A third chapter examines the implication of a broad requirement of due process for rebel courts, taking as a case study the judicial system put into place by the Liberation Tigers of Tamil Eelam (LTTE) in Sri Lanka. The LTTE launched an armed insurgency against the government of Sri Lanka in the early 1980s, eventually controlling nearly forty percent of national territory. The LTTE developed an independent civil administration which included a state-like court structure with seventeen distinct courts at trial, appeal, and supreme court levels. The group also enacted comprehensive civil and criminal codes, as well as other important pieces of legislation. The chapter takes this exceptionally sophisticated insurgent court system to interrogate the concept of rebel jurisdiction, exploring the foundations in public international law of the extent and limits of territorial, subject-matter, and personal jurisdictions of rebel law and courts. The analysis then turn to the thorny issue of due process requirements that must be met under international humanitarian and human rights law to consider as fair a trial before a rebel court. The precise content of the requirement of a fair trial under international law does vary in situations of emergency like international and non-international armed conflicts. In addition, legal standards must be adjusted to reflect the nature of non-state courts and the particular contextual challenges faced by rebel governance in conflict zones. On that basis, each applicable due process guarantee is analysed to determine the precise requirements it imposes on rebel justice.
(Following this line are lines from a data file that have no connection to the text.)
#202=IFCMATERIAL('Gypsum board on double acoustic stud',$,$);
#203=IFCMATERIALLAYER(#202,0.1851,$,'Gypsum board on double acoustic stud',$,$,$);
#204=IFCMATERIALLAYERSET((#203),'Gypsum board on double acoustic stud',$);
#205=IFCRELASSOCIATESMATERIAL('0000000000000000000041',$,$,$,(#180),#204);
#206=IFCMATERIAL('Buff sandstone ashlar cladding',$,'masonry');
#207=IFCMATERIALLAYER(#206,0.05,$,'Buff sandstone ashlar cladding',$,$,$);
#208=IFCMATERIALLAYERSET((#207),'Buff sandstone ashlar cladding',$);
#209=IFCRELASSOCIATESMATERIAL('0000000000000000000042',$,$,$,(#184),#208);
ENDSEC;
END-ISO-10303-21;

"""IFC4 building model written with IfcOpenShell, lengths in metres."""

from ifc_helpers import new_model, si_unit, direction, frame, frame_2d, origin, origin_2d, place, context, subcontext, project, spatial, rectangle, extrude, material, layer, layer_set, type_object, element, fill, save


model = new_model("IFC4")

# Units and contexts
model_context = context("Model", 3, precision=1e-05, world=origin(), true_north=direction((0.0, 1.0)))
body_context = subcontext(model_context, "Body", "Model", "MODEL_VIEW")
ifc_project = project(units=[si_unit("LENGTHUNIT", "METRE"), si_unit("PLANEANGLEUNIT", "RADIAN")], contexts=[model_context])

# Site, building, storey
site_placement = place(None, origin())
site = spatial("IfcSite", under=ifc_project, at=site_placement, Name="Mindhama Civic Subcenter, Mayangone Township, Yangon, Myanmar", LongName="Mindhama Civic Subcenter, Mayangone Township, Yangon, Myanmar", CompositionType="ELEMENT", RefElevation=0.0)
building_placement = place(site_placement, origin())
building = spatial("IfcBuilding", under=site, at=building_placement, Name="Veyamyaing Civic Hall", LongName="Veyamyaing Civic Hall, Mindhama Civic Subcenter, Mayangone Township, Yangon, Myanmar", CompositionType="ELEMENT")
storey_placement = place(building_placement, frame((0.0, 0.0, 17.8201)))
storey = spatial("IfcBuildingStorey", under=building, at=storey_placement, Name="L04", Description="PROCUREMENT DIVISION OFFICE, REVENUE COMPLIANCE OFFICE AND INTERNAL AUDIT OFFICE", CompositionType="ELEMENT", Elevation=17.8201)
Finally, a fourth chapter analyses the possible legal recognition of insurgent justice by other actors, using the judicial practice of three independent Kurdish non-state armed groups in the Middle East as a case-study. The Partiya Karkerên Kurdistan (PKK, Kurdistan Workers’ Party) has been engaged in a bitter armed struggle with Turkey since 1984, with rear bases in northern Iraq and Syria. The Partiya Yekîtiya Demokrat (PYD, Democratic Union Party) is a Kurdish insurgent group that joined the anti-Assad uprising of 2011 and now controls parts of the north-east part of Syria, in a precarious coexistence with the Syrian government. Finally, the Kurdish Regional Government (KRG) has operated independently since 1991 and remain in a military standoff with the central Iraqi government. All three Kurdish groups operate courts at trial and appeal levels, for civil and criminal matters. The Chapter considers the possible application of the principle of complementarity under the Rome Statute in relation to a prosecution before the courts of a non-state armed groups. Likewise, the right or duty of third states under international law to give recognition to the operation of insurgent courts is examined. More radically perhaps, there is a possibility that even the territorial state might in some cases give legal effect to rebel court decisions. Finally, the Kurdish courts offer examples in which one non-state armed group is confronted with the need to determine the validity of the decisions of courts of other armed insurgents.
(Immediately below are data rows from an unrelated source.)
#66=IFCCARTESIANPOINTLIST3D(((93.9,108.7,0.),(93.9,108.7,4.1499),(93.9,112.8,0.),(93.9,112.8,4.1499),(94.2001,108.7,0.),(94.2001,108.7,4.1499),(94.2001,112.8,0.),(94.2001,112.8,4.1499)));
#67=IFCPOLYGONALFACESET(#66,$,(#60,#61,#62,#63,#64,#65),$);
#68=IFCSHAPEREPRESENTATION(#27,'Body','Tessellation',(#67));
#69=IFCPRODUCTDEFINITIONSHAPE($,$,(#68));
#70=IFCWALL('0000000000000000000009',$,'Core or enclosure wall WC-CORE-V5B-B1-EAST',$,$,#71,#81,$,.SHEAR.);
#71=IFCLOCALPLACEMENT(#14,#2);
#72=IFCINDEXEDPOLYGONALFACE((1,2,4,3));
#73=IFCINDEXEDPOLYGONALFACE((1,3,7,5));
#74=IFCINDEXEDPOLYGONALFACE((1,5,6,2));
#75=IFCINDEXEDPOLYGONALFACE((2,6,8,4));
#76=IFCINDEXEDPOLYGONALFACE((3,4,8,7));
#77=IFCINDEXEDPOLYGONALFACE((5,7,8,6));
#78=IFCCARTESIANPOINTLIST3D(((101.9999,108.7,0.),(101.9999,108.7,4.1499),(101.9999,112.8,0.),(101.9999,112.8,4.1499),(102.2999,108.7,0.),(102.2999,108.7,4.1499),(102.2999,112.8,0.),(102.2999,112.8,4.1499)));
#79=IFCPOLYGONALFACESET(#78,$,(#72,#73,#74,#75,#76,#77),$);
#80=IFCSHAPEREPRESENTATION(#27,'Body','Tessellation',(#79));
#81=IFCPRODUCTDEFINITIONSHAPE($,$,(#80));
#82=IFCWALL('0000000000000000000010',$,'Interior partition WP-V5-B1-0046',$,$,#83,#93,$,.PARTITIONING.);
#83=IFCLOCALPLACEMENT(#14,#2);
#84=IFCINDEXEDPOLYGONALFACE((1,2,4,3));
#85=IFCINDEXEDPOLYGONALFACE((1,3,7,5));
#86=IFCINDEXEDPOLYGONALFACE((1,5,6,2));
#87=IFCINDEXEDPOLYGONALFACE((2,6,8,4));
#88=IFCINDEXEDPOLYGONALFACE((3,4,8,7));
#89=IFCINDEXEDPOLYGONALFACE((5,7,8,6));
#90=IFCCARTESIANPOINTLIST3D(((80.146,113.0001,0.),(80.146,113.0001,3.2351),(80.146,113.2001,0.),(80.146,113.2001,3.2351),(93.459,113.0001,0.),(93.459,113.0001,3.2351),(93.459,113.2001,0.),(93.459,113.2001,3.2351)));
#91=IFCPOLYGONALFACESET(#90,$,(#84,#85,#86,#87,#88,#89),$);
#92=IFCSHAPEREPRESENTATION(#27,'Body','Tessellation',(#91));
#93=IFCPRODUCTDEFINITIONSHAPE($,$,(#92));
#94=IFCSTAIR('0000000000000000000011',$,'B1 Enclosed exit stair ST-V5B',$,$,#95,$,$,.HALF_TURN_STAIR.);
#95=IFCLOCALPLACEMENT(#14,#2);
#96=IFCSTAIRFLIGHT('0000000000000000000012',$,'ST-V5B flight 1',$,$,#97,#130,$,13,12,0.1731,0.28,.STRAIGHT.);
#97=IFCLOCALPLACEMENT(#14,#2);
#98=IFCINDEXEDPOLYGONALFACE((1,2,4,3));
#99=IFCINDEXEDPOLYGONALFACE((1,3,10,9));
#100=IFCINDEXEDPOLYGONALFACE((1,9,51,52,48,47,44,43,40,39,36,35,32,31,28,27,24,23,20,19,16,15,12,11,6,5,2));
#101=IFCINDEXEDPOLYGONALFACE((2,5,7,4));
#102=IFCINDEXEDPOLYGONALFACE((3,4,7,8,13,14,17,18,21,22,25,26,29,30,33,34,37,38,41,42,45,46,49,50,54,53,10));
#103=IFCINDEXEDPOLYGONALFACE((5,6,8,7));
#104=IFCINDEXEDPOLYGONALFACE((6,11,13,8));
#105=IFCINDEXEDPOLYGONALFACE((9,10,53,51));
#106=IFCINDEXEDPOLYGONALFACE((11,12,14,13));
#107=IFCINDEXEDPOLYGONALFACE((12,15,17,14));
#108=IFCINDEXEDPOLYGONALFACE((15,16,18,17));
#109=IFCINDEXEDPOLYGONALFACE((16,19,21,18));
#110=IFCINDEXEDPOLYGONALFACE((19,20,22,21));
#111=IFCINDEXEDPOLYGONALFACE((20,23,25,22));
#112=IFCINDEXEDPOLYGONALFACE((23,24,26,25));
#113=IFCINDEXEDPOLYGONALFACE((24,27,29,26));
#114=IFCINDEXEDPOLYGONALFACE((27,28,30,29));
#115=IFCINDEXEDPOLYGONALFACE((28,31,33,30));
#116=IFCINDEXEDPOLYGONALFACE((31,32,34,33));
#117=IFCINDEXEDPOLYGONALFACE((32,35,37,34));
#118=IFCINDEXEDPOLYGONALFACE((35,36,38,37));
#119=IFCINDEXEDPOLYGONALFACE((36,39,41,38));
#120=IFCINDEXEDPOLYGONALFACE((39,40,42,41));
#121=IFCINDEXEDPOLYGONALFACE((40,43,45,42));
The rebel administration of justice can be a social good provided by non-state armed groups in situations of armed conflict, in a manner that is not dependent on the legitimacy of their cause. International law provides parameters that can guide this practice, calling for more detailed studies of rebel justice that will allow precise legal analyses. State and non-state law interact in complex patterns in zones of conflict, opening new avenues for an understanding of legal normativity inspired by legal pluralism. Finally, decisions of rebel courts do not lose all significance once war is over. Transitional justice must recognise that the rebel administration of justice is a practice that has factual and legal consequences that keep producing effects long after hostilities have ceased.